RL
R.L. methods and techniques.
Install / Use
/learn @ivanbelenky/RLREADME
Reinforcement Learning
Installation
uv pip install -e .
Overview
This repository contains code that implements algorithms and models from Sutton's book on reinforcement learning. The book, titled "Reinforcement Learning: An Introduction," is a classic text on the subject and provides a comprehensive introduction to the field.

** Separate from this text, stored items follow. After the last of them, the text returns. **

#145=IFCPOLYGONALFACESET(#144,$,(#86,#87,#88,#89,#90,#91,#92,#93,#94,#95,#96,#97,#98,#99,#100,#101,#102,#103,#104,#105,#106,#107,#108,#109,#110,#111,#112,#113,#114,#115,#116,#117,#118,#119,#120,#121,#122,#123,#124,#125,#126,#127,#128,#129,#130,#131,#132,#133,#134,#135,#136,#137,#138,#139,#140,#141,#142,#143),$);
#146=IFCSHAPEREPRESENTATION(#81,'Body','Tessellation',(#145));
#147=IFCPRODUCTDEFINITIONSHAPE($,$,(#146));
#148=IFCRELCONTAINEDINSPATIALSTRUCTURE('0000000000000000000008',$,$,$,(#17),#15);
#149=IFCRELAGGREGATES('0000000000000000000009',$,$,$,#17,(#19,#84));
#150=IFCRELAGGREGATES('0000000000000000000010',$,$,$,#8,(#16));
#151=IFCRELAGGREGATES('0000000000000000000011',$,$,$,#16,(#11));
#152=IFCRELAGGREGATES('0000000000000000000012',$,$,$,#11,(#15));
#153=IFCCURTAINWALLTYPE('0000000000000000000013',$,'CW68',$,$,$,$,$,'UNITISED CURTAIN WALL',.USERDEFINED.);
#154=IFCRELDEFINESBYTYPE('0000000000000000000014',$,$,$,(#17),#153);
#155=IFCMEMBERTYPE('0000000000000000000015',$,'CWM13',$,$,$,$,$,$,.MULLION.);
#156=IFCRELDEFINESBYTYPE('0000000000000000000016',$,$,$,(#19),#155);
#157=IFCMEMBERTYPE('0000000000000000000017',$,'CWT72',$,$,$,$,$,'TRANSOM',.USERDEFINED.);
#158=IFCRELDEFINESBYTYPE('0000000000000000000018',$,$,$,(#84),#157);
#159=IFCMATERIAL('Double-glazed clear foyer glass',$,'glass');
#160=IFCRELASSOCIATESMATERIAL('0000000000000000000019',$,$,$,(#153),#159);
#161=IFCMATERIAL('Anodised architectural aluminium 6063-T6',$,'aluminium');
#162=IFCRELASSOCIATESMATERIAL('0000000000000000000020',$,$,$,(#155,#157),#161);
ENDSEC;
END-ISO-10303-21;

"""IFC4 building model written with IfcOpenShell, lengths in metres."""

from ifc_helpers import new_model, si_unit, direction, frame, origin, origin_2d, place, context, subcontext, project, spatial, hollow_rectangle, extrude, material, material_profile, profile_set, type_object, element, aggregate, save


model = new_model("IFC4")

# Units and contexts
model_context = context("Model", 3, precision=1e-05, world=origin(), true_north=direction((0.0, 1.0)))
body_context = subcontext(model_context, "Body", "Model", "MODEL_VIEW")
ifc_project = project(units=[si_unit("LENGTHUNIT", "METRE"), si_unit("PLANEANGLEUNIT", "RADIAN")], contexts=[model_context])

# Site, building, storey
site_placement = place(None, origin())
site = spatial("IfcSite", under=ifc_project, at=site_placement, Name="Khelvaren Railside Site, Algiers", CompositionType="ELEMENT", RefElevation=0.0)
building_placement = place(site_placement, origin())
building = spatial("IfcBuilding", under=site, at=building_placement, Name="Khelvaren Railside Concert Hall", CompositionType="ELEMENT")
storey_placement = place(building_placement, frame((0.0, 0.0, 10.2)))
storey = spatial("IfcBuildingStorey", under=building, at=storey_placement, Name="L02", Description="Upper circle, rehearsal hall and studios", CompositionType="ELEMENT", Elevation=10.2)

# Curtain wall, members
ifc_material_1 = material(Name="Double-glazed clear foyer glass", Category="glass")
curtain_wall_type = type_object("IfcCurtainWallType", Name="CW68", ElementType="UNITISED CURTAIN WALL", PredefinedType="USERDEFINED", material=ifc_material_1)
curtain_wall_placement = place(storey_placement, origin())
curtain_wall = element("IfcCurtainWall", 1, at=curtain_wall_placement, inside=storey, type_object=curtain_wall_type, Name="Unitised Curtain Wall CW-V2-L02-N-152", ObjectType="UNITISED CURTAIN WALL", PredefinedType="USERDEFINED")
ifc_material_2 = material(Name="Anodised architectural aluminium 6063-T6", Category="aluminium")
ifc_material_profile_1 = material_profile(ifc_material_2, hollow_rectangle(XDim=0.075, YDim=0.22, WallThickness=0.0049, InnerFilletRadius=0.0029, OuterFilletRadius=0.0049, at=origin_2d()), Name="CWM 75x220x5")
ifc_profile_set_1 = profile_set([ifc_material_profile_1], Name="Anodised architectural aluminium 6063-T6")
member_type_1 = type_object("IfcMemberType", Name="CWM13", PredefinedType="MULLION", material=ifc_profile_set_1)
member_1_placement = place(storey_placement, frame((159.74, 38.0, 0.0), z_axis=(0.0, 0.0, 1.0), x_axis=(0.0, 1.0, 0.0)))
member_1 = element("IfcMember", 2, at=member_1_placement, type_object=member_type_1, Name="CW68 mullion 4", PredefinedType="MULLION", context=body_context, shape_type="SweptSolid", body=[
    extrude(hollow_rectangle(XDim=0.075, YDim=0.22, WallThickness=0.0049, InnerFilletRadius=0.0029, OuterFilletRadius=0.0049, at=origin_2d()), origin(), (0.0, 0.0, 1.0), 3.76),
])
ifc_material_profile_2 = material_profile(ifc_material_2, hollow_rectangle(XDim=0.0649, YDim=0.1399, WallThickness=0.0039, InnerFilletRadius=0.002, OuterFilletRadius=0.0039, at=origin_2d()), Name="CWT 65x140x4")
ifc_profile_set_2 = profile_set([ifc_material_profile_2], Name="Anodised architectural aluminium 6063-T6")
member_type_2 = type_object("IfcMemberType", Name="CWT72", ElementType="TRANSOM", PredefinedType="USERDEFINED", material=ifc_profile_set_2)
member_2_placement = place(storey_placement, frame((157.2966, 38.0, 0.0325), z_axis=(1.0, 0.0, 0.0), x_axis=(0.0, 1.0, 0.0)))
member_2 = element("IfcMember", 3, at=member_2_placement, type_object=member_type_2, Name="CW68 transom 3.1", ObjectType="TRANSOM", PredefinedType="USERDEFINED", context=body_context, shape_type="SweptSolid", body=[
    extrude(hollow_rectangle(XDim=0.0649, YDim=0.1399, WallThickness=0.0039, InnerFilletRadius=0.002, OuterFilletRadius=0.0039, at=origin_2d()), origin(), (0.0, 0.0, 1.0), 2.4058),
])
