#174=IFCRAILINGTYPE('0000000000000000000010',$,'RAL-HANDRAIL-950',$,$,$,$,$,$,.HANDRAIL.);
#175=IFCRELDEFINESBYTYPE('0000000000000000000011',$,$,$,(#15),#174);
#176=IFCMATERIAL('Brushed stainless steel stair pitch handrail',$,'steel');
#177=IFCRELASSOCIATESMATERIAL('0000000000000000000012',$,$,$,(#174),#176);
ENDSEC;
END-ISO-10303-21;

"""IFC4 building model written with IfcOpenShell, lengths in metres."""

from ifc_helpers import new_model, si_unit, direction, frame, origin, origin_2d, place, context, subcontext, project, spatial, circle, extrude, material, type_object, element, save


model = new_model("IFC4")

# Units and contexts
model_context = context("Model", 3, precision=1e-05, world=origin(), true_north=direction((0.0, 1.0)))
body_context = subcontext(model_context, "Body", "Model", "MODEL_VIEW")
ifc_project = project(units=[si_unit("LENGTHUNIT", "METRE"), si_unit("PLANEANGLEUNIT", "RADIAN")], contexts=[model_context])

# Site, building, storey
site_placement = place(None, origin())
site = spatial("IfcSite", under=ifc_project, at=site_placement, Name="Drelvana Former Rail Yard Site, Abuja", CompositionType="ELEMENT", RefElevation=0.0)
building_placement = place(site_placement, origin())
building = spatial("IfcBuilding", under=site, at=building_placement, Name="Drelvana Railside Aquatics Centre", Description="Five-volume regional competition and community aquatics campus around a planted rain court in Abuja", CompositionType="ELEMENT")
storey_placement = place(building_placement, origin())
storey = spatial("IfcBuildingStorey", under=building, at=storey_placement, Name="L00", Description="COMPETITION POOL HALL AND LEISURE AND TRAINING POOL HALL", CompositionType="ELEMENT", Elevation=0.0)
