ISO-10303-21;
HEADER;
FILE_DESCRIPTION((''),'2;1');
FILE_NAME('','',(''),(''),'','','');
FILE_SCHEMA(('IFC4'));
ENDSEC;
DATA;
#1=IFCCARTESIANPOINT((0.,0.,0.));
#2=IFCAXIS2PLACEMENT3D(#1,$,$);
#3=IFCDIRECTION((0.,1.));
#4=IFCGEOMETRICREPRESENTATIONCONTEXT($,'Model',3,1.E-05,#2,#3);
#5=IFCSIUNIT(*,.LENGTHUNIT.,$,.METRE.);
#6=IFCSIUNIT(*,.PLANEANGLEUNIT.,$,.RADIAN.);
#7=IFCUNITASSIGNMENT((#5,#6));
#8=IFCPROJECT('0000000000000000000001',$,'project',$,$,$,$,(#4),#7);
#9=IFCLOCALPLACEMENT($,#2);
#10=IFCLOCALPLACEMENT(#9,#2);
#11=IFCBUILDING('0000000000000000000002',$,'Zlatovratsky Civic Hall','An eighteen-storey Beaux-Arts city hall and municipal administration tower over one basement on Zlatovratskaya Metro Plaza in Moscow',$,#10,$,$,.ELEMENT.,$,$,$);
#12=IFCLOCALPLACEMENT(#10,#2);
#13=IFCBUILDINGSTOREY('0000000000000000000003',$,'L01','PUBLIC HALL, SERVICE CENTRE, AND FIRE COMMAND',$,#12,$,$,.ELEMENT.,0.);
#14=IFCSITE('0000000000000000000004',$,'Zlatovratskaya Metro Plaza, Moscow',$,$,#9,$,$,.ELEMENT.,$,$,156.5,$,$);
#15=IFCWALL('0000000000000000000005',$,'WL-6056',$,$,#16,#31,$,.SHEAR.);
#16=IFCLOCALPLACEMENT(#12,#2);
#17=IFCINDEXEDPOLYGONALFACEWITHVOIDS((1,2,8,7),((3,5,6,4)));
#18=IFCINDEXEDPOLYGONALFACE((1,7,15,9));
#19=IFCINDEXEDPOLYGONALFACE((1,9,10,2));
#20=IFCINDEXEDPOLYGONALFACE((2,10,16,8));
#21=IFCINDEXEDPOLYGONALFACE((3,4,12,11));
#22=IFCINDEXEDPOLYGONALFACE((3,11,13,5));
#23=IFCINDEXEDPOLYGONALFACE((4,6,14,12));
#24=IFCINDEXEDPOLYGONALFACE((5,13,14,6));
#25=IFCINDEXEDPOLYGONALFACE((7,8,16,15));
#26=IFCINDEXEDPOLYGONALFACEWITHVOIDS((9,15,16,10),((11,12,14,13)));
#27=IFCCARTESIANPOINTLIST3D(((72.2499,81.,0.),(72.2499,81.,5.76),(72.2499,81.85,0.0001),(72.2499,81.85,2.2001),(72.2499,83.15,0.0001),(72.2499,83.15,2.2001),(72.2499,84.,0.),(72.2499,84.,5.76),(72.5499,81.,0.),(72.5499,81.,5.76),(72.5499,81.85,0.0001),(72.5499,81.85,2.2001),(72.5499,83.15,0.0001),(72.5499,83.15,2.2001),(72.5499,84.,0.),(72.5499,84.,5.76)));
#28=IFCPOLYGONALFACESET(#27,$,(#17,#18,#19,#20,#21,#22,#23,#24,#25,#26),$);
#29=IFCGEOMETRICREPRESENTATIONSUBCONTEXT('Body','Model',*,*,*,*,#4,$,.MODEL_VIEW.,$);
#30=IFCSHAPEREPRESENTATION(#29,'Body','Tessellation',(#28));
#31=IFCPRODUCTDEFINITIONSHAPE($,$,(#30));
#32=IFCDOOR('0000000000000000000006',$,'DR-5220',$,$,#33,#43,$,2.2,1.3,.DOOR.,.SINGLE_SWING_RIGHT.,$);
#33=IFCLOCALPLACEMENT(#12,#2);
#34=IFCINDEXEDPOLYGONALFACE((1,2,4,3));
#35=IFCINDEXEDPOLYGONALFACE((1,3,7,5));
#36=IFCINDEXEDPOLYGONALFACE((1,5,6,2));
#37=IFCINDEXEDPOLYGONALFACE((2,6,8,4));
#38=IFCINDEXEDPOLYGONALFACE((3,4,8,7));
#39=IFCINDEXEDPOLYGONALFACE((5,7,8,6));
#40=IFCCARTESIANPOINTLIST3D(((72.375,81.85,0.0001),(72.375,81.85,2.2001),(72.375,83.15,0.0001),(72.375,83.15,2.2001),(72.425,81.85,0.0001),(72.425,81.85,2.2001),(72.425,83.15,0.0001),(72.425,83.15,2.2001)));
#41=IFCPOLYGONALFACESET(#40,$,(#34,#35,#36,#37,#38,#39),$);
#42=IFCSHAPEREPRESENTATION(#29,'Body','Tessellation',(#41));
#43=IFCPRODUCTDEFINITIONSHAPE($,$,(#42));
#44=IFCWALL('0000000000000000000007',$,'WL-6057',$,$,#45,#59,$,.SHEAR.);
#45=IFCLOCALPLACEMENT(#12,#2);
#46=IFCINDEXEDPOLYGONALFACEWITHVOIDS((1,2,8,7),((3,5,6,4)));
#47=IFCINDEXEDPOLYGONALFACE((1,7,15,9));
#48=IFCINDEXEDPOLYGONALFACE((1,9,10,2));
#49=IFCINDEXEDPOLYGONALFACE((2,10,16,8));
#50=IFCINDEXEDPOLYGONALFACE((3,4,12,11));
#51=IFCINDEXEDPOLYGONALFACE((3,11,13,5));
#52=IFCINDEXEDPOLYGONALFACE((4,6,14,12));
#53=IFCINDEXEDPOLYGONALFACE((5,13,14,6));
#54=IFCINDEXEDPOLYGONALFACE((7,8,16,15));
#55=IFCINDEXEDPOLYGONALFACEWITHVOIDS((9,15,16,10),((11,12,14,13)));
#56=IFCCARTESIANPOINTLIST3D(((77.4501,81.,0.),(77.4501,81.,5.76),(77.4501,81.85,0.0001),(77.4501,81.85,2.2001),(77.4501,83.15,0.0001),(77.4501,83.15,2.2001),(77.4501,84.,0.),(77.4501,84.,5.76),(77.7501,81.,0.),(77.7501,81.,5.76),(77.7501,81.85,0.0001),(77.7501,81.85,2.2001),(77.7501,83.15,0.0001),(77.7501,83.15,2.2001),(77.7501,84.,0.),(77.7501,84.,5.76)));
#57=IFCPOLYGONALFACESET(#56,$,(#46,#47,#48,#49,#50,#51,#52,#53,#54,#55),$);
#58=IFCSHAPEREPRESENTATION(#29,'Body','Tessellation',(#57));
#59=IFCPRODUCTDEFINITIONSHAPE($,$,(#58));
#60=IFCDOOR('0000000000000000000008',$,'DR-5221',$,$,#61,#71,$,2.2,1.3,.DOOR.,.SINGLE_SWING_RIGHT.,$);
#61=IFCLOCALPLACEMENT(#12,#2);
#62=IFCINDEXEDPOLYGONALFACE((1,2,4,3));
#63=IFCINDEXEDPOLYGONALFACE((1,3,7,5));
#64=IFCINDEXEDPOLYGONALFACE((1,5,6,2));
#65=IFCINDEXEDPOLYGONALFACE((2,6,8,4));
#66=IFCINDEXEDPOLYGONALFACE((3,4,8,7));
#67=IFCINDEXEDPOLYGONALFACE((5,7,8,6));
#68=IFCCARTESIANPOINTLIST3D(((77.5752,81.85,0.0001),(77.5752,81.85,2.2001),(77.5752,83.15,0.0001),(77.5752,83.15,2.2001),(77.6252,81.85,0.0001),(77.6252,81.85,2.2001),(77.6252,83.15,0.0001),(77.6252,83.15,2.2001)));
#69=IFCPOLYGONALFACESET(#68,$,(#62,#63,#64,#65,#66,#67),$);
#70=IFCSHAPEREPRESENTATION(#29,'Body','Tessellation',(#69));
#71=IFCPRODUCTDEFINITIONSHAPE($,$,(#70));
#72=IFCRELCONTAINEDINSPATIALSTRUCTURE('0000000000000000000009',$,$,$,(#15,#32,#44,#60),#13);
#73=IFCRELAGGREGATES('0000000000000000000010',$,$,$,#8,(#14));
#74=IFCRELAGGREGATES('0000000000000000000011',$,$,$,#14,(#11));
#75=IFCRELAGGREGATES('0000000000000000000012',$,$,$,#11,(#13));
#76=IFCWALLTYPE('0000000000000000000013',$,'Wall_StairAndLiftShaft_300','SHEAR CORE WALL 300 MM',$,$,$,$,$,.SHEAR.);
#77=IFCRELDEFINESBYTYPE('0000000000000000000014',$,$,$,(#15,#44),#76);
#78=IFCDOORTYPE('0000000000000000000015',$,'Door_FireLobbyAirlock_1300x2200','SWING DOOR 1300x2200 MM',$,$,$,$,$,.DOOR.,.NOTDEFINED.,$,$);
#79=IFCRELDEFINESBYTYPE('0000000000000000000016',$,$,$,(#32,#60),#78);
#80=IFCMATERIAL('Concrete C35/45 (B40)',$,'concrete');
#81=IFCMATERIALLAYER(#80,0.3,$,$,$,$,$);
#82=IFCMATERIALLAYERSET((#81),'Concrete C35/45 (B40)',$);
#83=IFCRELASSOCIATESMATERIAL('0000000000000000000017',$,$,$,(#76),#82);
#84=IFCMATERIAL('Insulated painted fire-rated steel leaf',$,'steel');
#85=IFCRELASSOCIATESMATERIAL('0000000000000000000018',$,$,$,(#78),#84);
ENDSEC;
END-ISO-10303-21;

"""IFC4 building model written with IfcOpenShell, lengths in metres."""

from ifc_helpers import new_model, si_unit, direction, frame, frame_2d, origin, place, context, subcontext, project, spatial, rectangle, extrude, material, layer, layer_set, type_object, element, fill, save


model = new_model("IFC4")

# Units and contexts
model_context = context("Model", 3, precision=1e-05, world=origin(), true_north=direction((0.0, 1.0)))
body_context = subcontext(model_context, "Body", "Model", "MODEL_VIEW")
ifc_project = project(units=[si_unit("LENGTHUNIT", "METRE"), si_unit("PLANEANGLEUNIT", "RADIAN")], contexts=[model_context])

# Site, building, storey
site_placement = place(None, origin())
site = spatial("IfcSite", under=ifc_project, at=site_placement, Name="Zlatovratskaya Metro Plaza, Moscow", CompositionType="ELEMENT", RefElevation=156.5)
building_placement = place(site_placement, origin())
building = spatial("IfcBuilding", under=site, at=building_placement, Name="Zlatovratsky Civic Hall", Description="An eighteen-storey Beaux-Arts city hall and municipal administration tower over one basement on Zlatovratskaya Metro Plaza in Moscow", CompositionType="ELEMENT")
storey_placement = place(building_placement, origin())
storey = spatial("IfcBuildingStorey", under=building, at=storey_placement, Name="L01", Description="PUBLIC HALL, SERVICE CENTRE, AND FIRE COMMAND", CompositionType="ELEMENT", Elevation=0.0)

# Shared definitions
ifc_material_1 = material(Name="Concrete C35/45 (B40)", Category="concrete")

# Shared definitions
ifc_layer = layer(ifc_material_1, 0.3)
ifc_layer_set = layer_set([ifc_layer], Name="Concrete C35/45 (B40)")
wall_type = type_object("IfcWallType", Name="Wall_StairAndLiftShaft_300", Description="SHEAR CORE WALL 300 MM", PredefinedType="SHEAR", material=ifc_layer_set)
ifc_material_2 = material(Name="Insulated painted fire-rated steel leaf", Category="steel")

# Walls, openings, doors
wall_1_placement = place(storey_placement, frame((72.3999, 81.0, 0.0), z_axis=(0.0, 0.0, 1.0), x_axis=(0.0, 1.0, 0.0)))
wall_1 = element("IfcWall", 1, at=wall_1_placement, inside=storey, type_object=wall_type, Name="WL-6056", PredefinedType="SHEAR", context=body_context, shape_type="SweptSolid", body=[
    extrude(rectangle(XDim=3.0, YDim=0.3, at=frame_2d((1.5, 0.0))), origin(), (0.0, 0.0, 1.0), 5.76),
])
opening_1_placement = place(wall_1_placement, frame((0.8501, 0.0, 0.0)))
opening_1 = element("IfcOpeningElement", 2, at=opening_1_placement, cuts=wall_1, PredefinedType="OPENING", context=body_context, shape_type="SweptSolid", body=[
    extrude(rectangle(XDim=1.3, YDim=2.2, at=frame_2d((0.6499, 1.1001))), frame((0.0, 0.165, 0.0), z_axis=(0.0, -1.0, 0.0), x_axis=(1.0, 0.0, 0.0)), (0.0, 0.0, 1.0), 0.3298),
])
door_type_1 = type_object("IfcDoorType", Name="Door_FireLobbyAirlock_1300x2200", Description="SWING DOOR 1300x2200 MM", OperationType="NOTDEFINED", PredefinedType="DOOR", material=ifc_material_2)
door_1_placement = place(opening_1_placement, origin())
door_1 = element("IfcDoor", 3, at=door_1_placement, inside=storey, type_object=door_type_1, Name="DR-5220", OperationType="SINGLE_SWING_RIGHT", OverallHeight=2.2, OverallWidth=1.3, PredefinedType="DOOR", context=body_context, shape_type="SweptSolid", body=[
    extrude(rectangle(XDim=1.3, YDim=2.2, at=frame_2d((0.6499, 1.1001))), frame((0.0, 0.0249, 0.0), z_axis=(0.0, -1.0, 0.0), x_axis=(1.0, 0.0, 0.0)), (0.0, 0.0, 1.0), 0.05),
])
fill(opening_1, door_1)
wall_2_placement = place(storey_placement, frame((77.6001, 81.0, 0.0), z_axis=(0.0, 0.0, 1.0), x_axis=(0.0, 1.0, 0.0)))
wall_2 = element("IfcWall", 4, at=wall_2_placement, inside=storey, type_object=wall_type, Name="WL-6057", PredefinedType="SHEAR", context=body_context, shape_type="SweptSolid", body=[
    extrude(rectangle(XDim=3.0, YDim=0.3, at=frame_2d((1.5, 0.0))), origin(), (0.0, 0.0, 1.0), 5.76),
])
opening_2_placement = place(wall_2_placement, frame((0.8501, 0.0, 0.0)))
opening_2 = element("IfcOpeningElement", 5, at=opening_2_placement, cuts=wall_2, PredefinedType="OPENING", context=body_context, shape_type="SweptSolid", body=[
    extrude(rectangle(XDim=1.3, YDim=2.2, at=frame_2d((0.6499, 1.1001))), frame((0.0, 0.165, 0.0), z_axis=(0.0, -1.0, 0.0), x_axis=(1.0, 0.0, 0.0)), (0.0, 0.0, 1.0), 0.3298),
])
door_2_placement = place(opening_2_placement, origin())
door_2 = element("IfcDoor", 6, at=door_2_placement, inside=storey, type_object=door_type_1, Name="DR-5221", OperationType="SINGLE_SWING_RIGHT", OverallHeight=2.2, OverallWidth=1.3, PredefinedType="DOOR", context=body_context, shape_type="SweptSolid", body=[
    extrude(rectangle(XDim=1.3, YDim=2.2, at=frame_2d((0.6499, 1.1001))), frame((0.0, 0.0249, 0.0), z_axis=(0.0, -1.0, 0.0), x_axis=(1.0, 0.0, 0.0)), (0.0, 0.0, 1.0), 0.05),
])
fill(opening_2, door_2)

save(model, "model.ifc")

The code in this repository is organized into several modules, each of which covers differents topics.
Methods
- [x] Multi Armed Bandits
- [x] Epsilon Greedy
- [x] Optimistic Initial Values
- [x] Gradient
- [x] α (non stationary)
- [x] Model Based
- [x] Policy Evaluation
- [x] Policy Iteration
- [x] Value Iteration
- [x] Monte Carlo estimation and control
- [x] First-visit α-MC
- [x] Every-visit α-MC
- [x] MC with Exploring Starts
- [x] Off-policy MC, ordinary and weighted importance sampling
- [x] Temporal Difference
- [x] TD(n) estimation
- [x] n-step SARSA
- [x] n-step Q-learning
- [x] n-step Expected SARSA
- [x] double Q learning
- [x] n-step Tree Backup
- [x] Planning
- [x] Dyna-Q/Dyna-Q+
- [x] Prioritized Sweeping
- [x] Trajectory Sampling
- [x] MCTS
- [ ] On-policy Prediction
- [x] Gradient MC
- [x] $n$-step semi-gradient TD
- [ ] ANN
- [ ] Least-Squares TD
- [ ] Kernel-based
- [x] On-policy Control
- [x] Episodic semi-gradient
- [x] Semi-gradient n-step Sarsa
- [x] Differential Semi-gradient n-step Sarsa
- [ ] Elegibility Traces
- [x] TD($\lambda$)
- [ ] True Online
- [x] Sarsa($\lambda$)
- [ ] True Online Sarsa($\lambda$)
- [ ] Policy Gradient
- [x] REINFORCE: Monte Carlo Policy Gradient w/wo Baseline
- [ ] Actor-Critic (episodic) w/wo eligibility traces
- [ ] Actor-Critic (continuing) with eligibility traces <br>
All model free solvers will work just by defining states actions and a trasition function. Transitions are defined as a function that takes a state and an action and returns a tuple of the next state and the reward. The transition function also returns a boolean indicating whether the episode has terminated.
states: Sequence[Any]
actions: Sequence[Any]
transtion: Callable[[Any, Any], tuple[tuple[Any, float], bool]]
Examples
Single State Infinite Variance Example 5.5
from mypyrl import off_policy_mc, ModelFreePolicy
states = [0]
actions = ['left', 'right']
def single_state_transition(state, action):
if action == 'right':
return (state, 0), True
if action == 'left':
threshold = np.random.random()
if threshold > 0.9:
return (state, 1), True
else:
return (state, 0), False
b = ModelFreePolicy(actions, states) #by default equiprobable
pi = ModelFreePolicy(actions, states)
pi.pi[0] = np.array([1, 0])
# calculate ordinary and weighted samples state value functions
vqpi_ord, samples_ord = off_policy_mc(states, actions, single_state_transition,
policy=pi, b=b, ordinary=True, first_visit=True, gamma=1., n_episodes=1E4)
vqpi_w, samples_w = off_policy_mc(states, actions, single_state_transition,
policy=pi, b=b, ordinary=False, first_visit=True, gamma=1., n_episodes=1E4)
Monte Carlo Tree Search maze solving plot
s = START_XY
budget = 500
cp = 1/np.sqrt(2)
end = False
max_steps = 50
while not end:
action, tree = mcts(s, cp, budget, obstacle_maze, action_map, max_steps, eps=1)
(s, _), end = obstacle_maze(s, action)
tree.plot()
Contributing
While the code in this package provides a basic implementation of the algorithms from the book, it is not necessarily the most efficient or well-written. If you have suggestions for improving the code, please feel free to open an issue.
Overall, this package provides a valuable resource for anyone interested in learning about reinforcement learning and implementing algorithms from scratch. By no means prod ready.